How to remove a certain number of reads found in negative


I am looking at parasite diversity in snails but I found some reads which came up as two parasites in my negative. One parasite has 112 reads in the negative and the other has 99 reads in the negative. Both of these parasites are also found in some but not all of the snail samples. Some samples have very high reads of these parasites and others have fairly low reads and some have none. I do not want to remove the whole sequences as I know that these parasites are meant to be in the snail so must be some cross contamination. Someone suggested that I just remove the number of reads found in the negative from each sample. Is there a way that I can do this through the filter table plugin in qiime2? Is this the best thing to do or would it be better to just leave it and mention that these two parasites were also found in the negative and should be interpreted with caution?

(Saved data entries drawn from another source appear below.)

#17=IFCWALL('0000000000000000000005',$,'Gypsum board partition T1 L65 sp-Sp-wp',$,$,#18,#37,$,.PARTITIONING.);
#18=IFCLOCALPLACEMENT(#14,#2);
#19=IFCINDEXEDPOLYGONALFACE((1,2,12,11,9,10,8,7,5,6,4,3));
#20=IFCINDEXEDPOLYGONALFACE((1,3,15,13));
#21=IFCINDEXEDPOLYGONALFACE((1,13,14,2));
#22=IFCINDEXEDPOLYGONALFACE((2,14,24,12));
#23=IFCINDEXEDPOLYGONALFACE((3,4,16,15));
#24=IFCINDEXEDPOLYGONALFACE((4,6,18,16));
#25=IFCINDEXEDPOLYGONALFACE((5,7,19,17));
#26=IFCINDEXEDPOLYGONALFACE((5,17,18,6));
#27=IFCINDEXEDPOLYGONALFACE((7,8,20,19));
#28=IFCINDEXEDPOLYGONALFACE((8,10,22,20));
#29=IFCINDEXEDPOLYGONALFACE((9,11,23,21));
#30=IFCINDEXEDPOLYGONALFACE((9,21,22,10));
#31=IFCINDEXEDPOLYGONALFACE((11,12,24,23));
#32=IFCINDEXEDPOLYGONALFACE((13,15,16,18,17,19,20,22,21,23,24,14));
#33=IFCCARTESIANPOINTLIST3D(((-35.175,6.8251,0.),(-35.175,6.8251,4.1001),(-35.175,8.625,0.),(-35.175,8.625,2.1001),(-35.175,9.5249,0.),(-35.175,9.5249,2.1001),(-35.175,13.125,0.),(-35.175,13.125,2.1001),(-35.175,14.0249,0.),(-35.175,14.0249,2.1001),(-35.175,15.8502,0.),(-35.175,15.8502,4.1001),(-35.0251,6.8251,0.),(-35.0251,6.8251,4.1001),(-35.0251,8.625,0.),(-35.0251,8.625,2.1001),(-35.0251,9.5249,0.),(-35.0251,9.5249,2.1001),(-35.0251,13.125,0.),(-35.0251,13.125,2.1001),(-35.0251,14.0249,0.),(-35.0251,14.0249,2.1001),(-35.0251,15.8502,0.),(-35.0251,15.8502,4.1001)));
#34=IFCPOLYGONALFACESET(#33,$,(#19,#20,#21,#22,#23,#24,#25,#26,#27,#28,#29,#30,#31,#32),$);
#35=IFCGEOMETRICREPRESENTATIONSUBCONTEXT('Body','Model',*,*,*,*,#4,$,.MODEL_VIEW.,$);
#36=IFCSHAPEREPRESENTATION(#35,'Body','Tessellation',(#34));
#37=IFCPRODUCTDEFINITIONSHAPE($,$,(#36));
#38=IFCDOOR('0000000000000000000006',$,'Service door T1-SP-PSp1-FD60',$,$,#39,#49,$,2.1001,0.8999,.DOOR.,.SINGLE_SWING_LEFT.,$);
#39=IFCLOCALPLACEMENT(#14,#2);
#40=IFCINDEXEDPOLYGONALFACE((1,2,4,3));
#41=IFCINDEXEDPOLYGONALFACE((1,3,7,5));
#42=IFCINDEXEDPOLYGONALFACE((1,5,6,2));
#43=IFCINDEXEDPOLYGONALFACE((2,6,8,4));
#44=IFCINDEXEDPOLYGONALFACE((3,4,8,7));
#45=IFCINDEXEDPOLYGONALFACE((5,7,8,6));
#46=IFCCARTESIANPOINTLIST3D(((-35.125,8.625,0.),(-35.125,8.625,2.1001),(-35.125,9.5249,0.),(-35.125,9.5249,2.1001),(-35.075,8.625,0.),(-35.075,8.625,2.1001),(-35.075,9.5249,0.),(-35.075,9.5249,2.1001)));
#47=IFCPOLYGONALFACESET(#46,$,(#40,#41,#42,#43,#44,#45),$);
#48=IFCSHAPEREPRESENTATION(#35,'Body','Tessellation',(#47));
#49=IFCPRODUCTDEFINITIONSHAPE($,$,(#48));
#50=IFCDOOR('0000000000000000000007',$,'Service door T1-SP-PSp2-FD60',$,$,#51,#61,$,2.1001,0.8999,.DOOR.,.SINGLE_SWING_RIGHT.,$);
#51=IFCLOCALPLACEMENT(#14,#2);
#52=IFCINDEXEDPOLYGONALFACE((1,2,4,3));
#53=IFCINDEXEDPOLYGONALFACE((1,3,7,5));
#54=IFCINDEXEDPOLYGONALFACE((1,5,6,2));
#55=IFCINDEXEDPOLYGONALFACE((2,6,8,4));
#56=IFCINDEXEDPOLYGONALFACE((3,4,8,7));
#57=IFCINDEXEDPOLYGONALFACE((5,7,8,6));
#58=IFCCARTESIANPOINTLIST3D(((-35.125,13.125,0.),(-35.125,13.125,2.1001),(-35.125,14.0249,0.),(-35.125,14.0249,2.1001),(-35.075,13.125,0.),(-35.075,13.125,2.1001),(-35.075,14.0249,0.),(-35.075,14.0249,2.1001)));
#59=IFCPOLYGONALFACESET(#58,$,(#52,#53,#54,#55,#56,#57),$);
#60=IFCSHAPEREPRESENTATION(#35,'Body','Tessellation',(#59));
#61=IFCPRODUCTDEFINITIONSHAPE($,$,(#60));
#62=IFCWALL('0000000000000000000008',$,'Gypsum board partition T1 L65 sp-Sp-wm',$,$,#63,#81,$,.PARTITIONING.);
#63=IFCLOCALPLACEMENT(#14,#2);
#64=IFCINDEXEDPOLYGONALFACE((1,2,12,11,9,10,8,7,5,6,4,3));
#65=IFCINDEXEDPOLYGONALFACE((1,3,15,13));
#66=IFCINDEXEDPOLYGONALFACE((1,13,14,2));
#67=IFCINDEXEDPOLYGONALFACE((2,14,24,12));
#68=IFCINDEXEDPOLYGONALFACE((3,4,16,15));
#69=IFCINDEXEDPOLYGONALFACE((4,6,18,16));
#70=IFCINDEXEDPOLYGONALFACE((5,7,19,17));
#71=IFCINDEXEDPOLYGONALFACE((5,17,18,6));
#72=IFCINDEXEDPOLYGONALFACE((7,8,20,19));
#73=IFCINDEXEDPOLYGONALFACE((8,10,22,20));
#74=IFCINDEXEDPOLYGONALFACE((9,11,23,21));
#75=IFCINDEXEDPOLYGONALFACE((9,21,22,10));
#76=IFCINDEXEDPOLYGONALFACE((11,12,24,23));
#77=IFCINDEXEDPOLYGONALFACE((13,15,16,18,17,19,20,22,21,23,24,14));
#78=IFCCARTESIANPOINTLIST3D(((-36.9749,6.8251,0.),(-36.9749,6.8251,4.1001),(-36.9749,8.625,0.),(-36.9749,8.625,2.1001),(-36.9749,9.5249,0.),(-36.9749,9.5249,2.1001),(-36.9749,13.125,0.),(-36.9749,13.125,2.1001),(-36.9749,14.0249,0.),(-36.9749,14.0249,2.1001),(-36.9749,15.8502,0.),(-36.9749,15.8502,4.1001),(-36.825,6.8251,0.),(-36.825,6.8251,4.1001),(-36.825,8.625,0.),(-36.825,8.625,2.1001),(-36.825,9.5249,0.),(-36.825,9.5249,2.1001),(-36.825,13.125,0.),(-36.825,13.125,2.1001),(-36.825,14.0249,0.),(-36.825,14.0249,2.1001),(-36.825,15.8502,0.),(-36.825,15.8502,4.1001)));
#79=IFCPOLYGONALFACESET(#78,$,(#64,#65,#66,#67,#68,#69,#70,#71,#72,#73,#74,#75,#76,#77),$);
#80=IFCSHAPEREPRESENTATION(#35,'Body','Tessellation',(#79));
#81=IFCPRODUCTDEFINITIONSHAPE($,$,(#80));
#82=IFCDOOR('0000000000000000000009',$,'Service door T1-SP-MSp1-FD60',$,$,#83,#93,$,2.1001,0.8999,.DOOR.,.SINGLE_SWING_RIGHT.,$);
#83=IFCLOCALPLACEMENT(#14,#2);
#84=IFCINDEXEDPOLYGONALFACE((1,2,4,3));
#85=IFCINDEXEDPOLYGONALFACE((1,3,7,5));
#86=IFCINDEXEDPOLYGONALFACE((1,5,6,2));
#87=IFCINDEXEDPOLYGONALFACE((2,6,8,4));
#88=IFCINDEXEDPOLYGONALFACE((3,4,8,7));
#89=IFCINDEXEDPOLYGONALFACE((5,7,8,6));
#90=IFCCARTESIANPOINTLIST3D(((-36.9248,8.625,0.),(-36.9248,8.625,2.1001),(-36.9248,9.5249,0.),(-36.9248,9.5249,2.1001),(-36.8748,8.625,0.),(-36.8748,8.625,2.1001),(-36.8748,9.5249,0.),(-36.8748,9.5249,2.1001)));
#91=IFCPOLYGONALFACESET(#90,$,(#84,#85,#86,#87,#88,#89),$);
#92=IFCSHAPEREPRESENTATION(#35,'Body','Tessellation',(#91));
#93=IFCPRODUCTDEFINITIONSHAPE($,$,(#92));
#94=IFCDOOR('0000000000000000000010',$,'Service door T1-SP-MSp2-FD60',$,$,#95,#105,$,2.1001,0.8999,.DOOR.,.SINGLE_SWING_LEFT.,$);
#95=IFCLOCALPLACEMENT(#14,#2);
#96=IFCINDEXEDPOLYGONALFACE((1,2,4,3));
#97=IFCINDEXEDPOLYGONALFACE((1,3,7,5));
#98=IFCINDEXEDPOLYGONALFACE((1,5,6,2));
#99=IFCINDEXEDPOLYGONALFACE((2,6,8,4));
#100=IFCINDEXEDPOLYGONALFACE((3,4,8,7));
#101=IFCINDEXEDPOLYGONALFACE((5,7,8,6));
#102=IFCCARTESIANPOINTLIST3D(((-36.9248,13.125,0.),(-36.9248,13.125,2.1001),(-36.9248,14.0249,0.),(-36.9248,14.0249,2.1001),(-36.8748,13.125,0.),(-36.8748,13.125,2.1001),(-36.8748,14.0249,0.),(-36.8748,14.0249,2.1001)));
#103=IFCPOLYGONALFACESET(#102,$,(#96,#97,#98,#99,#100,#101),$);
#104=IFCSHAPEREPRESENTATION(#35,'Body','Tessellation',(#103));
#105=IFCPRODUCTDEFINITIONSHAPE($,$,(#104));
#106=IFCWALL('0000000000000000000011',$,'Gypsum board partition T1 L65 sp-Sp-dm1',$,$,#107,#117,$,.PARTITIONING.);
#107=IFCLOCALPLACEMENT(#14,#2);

Bad idea! :grimacing: cross-contamination is not a simple additive process so you cannot just subtract a specific number of reads from each sample.

Yes, that would be best.

Or a better approach: you can use decontam (an R package developed by the same developer behind dada2 — this is not yet available in a QIIME 2 plugin but maybe later this year). decontam will identify reagent contaminants (to filter out) in negative controls vs. cross-contaminants (which are kept since there is not easy solution). Doing this (assuming these two ASVs are not filtered out) will allow you to say that these were detected in negative controls but appear to represent cross-contamination as you used a statistical approach (decontam) to identify background contaminants.

I hope that helps! :grin:


Thanks @Nicholas_Bokulich That is good to know!